Hayden J held that the impact on BP’s quality of life as a result of the ban on visits was seismic, in particular because BP could not use the telephone and his ability to use remote communications was limited due to his deafness. However if BP were to contract coronavirus there would be a real risk to his life. Following consideration of Arts 5, 8 and 14 ECHR he turned to Art 15 ECHR: Derogation in time of emergency. He found that the Covid-19 crisis is a public emergency within Art 15 and that a derogation from obligations under the ECHR justified.

He also referred to the Council of Europe’s anti-torture committee’s Statement of Principles relating to the treatment of individuals deprived of their liberty in the context of Covid-19 and Art 25 UN Convention on the Rights of People with Disabilities (Right to Health of People with Disabilities).

He held that FP’s plan of looking after her father at home 24 hours a day was unrealistic and, following efforts over the course of the hearing to explore possibilities for family contact for BP,  that there was a balanced and proportionate way forward by educating BP to use skype and instant messaging, by family waving to BP through his ground floor window and using the communication board. An outstanding mental capacity assessment of BP could be undertaken by Skype or facetime with BP being supported by staff, and to the extent possible by his family.

Comment

While the outcome for BP can be understood, by taking the route that he took to get there and purporting to effect a derogation from the European Convention on Human Rights with reference to Article 15 ECHR, the judge made a serious error of law. There is no role for him, a first- instance judge in the High Court, to play in seeking to suspend the operation of the European Convention on Human Rights in his court and his decision. This is a breach of his statutory obligations. The judge / court is expressly a “public authority” according to section 6 (3) of the Human Rights Act 1998, and it was therefore unlawful for him to act in a way that was incompatible with a Convention Right: section 6 (1).  He was also required by section 2 to “take into account” judgments and decisions of the European Court of Human Rights. Hayden J’s decision, insofar as he purported to suspend the usual exercise of considering the European Convention on Human Rights and how that might affect the resolution of the issues in the case was obviously wrong.

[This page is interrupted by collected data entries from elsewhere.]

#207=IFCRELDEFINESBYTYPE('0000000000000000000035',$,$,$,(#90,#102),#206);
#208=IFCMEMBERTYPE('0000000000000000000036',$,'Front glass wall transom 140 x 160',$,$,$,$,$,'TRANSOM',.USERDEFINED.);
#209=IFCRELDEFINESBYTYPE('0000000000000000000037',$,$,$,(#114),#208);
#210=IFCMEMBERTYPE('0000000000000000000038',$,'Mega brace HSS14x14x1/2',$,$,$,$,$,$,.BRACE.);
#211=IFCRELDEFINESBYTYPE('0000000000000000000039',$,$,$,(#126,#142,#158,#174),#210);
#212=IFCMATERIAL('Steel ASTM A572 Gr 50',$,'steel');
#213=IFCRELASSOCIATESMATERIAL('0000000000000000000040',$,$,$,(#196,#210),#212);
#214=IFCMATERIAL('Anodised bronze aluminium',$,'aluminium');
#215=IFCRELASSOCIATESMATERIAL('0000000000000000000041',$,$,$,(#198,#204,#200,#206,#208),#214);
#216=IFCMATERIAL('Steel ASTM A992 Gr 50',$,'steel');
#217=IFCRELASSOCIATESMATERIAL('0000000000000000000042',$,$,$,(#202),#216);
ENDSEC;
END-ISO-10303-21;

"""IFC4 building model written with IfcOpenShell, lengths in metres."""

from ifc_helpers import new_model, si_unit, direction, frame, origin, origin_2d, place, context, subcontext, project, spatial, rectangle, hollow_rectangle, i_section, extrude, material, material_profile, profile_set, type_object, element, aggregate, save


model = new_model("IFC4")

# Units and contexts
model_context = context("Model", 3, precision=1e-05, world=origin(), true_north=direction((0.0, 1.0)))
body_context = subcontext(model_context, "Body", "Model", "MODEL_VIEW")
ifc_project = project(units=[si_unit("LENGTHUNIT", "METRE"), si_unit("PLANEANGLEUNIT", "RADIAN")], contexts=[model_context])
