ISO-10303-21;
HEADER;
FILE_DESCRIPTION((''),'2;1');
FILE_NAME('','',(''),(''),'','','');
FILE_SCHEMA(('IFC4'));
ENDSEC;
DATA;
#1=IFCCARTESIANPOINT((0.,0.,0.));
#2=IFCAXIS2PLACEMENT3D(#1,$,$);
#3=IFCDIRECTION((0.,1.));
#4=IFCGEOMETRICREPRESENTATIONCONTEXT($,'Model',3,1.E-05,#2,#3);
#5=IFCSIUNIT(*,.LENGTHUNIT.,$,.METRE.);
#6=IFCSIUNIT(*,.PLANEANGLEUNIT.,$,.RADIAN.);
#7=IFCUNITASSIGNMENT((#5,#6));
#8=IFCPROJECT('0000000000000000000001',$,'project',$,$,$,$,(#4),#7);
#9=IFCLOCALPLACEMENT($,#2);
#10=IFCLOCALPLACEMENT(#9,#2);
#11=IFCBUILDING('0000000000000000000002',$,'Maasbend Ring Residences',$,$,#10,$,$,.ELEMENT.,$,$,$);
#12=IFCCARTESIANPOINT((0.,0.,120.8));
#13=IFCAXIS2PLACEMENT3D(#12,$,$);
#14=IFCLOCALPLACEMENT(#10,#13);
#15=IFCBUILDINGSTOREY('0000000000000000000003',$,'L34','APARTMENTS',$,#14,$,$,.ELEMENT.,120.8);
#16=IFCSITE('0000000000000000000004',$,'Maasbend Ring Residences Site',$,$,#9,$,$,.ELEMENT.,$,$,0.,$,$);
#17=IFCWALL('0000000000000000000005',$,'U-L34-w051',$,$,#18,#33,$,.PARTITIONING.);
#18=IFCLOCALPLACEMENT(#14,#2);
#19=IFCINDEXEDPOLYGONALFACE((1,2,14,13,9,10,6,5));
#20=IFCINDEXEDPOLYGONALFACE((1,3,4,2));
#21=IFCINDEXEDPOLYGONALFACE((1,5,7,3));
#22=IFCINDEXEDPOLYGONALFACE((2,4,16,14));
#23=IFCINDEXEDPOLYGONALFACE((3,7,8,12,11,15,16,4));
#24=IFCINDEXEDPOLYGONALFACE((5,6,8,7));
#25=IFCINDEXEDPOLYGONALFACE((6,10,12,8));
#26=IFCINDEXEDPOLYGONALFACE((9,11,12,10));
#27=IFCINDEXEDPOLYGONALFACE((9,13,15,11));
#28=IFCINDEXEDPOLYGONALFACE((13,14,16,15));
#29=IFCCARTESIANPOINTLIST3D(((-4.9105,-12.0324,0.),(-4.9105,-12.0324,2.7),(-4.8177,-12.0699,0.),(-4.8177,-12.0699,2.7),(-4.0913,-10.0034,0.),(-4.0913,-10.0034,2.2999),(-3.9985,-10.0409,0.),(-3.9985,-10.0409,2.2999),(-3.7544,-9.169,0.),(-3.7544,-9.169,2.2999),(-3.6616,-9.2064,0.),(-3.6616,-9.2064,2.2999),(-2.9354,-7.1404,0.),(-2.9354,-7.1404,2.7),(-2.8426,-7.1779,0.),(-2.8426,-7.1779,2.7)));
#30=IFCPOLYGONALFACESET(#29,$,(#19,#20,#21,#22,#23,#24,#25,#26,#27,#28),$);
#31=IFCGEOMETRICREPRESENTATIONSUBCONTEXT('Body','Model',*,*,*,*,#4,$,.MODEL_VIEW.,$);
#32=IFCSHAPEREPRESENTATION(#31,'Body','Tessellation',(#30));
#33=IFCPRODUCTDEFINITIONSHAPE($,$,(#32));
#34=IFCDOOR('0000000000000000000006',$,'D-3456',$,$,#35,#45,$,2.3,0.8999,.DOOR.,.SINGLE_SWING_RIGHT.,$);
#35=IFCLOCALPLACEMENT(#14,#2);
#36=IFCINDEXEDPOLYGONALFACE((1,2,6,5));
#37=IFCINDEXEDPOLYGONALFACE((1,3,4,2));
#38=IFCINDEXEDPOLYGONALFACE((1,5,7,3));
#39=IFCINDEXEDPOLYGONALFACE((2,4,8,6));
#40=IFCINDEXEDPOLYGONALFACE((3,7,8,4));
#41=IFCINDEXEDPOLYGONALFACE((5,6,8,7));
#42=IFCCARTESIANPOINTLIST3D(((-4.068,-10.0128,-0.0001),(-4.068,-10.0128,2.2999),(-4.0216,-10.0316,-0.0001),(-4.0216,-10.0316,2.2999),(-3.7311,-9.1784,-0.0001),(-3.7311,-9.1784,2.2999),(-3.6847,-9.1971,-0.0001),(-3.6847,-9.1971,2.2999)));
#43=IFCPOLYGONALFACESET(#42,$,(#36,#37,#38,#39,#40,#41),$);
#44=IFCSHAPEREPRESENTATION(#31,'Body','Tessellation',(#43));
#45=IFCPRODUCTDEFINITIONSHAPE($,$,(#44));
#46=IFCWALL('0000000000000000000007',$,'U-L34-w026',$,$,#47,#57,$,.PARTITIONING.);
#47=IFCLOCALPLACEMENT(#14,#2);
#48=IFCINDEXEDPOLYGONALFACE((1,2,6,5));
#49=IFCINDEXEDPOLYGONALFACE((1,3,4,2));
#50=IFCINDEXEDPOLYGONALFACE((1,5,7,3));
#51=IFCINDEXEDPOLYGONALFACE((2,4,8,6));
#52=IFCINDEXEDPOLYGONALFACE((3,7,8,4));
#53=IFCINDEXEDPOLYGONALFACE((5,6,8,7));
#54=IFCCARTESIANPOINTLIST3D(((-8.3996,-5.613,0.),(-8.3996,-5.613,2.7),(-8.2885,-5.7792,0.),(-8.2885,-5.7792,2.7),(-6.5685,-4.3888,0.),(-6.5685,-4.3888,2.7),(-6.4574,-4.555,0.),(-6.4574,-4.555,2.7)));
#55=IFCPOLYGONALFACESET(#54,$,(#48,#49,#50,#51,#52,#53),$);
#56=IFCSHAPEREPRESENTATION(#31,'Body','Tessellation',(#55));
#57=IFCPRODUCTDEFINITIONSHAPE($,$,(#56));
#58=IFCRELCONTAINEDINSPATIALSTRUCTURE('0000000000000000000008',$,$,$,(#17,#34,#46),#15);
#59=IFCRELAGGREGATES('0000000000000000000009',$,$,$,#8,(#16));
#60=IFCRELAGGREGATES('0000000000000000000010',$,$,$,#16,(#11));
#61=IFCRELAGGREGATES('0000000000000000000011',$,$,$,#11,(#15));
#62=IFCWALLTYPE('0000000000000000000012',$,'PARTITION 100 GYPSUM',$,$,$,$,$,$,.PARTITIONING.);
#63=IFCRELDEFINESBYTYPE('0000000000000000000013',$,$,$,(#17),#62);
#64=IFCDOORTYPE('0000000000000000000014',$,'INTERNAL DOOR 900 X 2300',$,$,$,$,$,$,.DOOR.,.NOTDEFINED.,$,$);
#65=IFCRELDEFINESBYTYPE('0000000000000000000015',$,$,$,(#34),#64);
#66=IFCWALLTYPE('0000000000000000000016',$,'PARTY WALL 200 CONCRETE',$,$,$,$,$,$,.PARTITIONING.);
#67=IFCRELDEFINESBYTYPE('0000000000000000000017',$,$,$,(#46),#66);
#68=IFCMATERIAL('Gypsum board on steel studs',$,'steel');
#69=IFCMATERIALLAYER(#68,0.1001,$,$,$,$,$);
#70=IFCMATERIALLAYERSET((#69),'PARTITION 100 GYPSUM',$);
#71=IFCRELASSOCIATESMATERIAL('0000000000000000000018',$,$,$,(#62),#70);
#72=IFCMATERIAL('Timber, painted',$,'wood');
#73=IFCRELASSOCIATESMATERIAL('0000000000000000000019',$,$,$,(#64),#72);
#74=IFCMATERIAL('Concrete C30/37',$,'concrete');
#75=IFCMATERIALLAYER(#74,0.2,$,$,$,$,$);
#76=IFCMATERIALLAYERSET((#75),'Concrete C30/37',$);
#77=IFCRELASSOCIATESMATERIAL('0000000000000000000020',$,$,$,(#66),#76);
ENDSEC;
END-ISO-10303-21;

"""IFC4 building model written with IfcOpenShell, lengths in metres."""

from ifc_helpers import new_model, si_unit, direction, frame, frame_2d, origin, place, context, subcontext, project, spatial, rectangle, extrude, material, layer, layer_set, type_object, element, fill, save


model = new_model("IFC4")

# Units and contexts
model_context = context("Model", 3, precision=1e-05, world=origin(), true_north=direction((0.0, 1.0)))
body_context = subcontext(model_context, "Body", "Model", "MODEL_VIEW")
ifc_project = project(units=[si_unit("LENGTHUNIT", "METRE"), si_unit("PLANEANGLEUNIT", "RADIAN")], contexts=[model_context])

# Site, building, storey
site_placement = place(None, origin())
site = spatial("IfcSite", under=ifc_project, at=site_placement, Name="Maasbend Ring Residences Site", CompositionType="ELEMENT", RefElevation=0.0)
building_placement = place(site_placement, origin())
building = spatial("IfcBuilding", under=site, at=building_placement, Name="Maasbend Ring Residences", CompositionType="ELEMENT")
storey_placement = place(building_placement, frame((0.0, 0.0, 120.8)))
storey = spatial("IfcBuildingStorey", under=building, at=storey_placement, Name="L34", Description="APARTMENTS", CompositionType="ELEMENT", Elevation=120.8)

# Wall, opening, door
ifc_material_1 = material(Name="Gypsum board on steel studs", Category="steel")
ifc_layer_1 = layer(ifc_material_1, 0.1001)
ifc_layer_set_1 = layer_set([ifc_layer_1], Name="PARTITION 100 GYPSUM")
wall_type_1 = type_object("IfcWallType", Name="PARTITION 100 GYPSUM", PredefinedType="PARTITIONING", material=ifc_layer_set_1)
wall_1_placement = place(storey_placement, frame((-4.864, -12.051, 0.0), z_axis=(0.0, 0.0, 1.0), x_axis=(0.374373, 0.927278, 0.0)))
wall_1 = element("IfcWall", 1, at=wall_1_placement, inside=storey, type_object=wall_type_1, Name="U-L34-w051", PredefinedType="PARTITIONING", context=body_context, shape_type="SweptSolid", body=[
    extrude(rectangle(XDim=5.2756, YDim=0.1001, at=frame_2d((2.6377, 0.0))), origin(), (0.0, 0.0, 1.0), 2.7),
])
opening_placement = place(wall_1_placement, frame((2.188, 0.0, 0.0)))
opening = element("IfcOpeningElement", 2, at=opening_placement, cuts=wall_1, PredefinedType="OPENING", context=body_context, shape_type="SweptSolid", body=[
    extrude(rectangle(XDim=0.8999, YDim=2.3, at=frame_2d((0.45, 1.1499))), frame((0.0, 0.0601, 0.0), z_axis=(0.0, -1.0, 0.0), x_axis=(1.0, 0.0, 0.0)), (0.0, 0.0, 1.0), 0.1201),
])
ifc_material_2 = material(Name="Timber, painted", Category="wood")
door_type = type_object("IfcDoorType", Name="INTERNAL DOOR 900 X 2300", OperationType="NOTDEFINED", PredefinedType="DOOR", material=ifc_material_2)
door_placement = place(opening_placement, origin())
door = element("IfcDoor", 3, at=door_placement, inside=storey, type_object=door_type, Name="D-3456", OperationType="SINGLE_SWING_RIGHT", OverallHeight=2.3, OverallWidth=0.8999, PredefinedType="DOOR", context=body_context, shape_type="SweptSolid", body=[
    extrude(rectangle(XDim=0.8999, YDim=2.3, at=frame_2d((0.45, 1.1499))), frame((0.0, 0.0249, 0.0), z_axis=(0.0, -1.0, 0.0), x_axis=(1.0, 0.0, 0.0)), (0.0, 0.0, 1.0), 0.05),
])
fill(opening, door)

# Wall
ifc_material_3 = material(Name="Concrete C30/37", Category="concrete")
ifc_layer_2 = layer(ifc_material_3, 0.2)
ifc_layer_set_2 = layer_set([ifc_layer_2], Name="Concrete C30/37")
wall_type_2 = type_object("IfcWallType", Name="PARTY WALL 200 CONCRETE", PredefinedType="PARTITIONING", material=ifc_layer_set_2)
wall_2_placement = place(storey_placement, frame((-6.5129, -4.4719, 0.0), z_axis=(0.0, 0.0, 1.0), x_axis=(-0.831333, -0.555774, 0.0)))
element("IfcWall", 4, at=wall_2_placement, inside=storey, type_object=wall_type_2, Name="U-L34-w026", PredefinedType="PARTITIONING", context=body_context, shape_type="SweptSolid", body=[
    extrude(rectangle(XDim=2.2026, YDim=0.2, at=frame_2d((1.1013, 0.0))), origin(), (0.0, 0.0, 1.0), 2.7),
])

save(model, "model.ifc")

There are very limited circumstances in which a derogation from the Convention is permissible, and those are the consequence of a very clear, overt and political declaration from the Government. There are circumstances where the UK Government has tried this in the past. This included in A v UK (3455/ 05) and previously Ireland v UK (310/71).  Lawless v Ireland (no. 3) 332/57 is authority for the proposition that the derogation must be done in a timeous way, and be the subject of proper formal notification.

The judge's reasoning implies that people in care homes no longer have all the usual human rights protections, but this is not the position.

That said, the proper application of human rights principles may well not have led to a different result. It could not be said that it is arbitrary for BP to have been detained in a care home, and his detention there may well have been proportionate bearing in mind the challenging environment in which he would otherwise be living, so, on the facts, the judge might well have found that BP’s Article 5 rights and Article 8 rights had not been violated. 

The case is ongoing, so a further decision is to come. At the time of writing and of publication, the actual result of any reconsideration is unknown.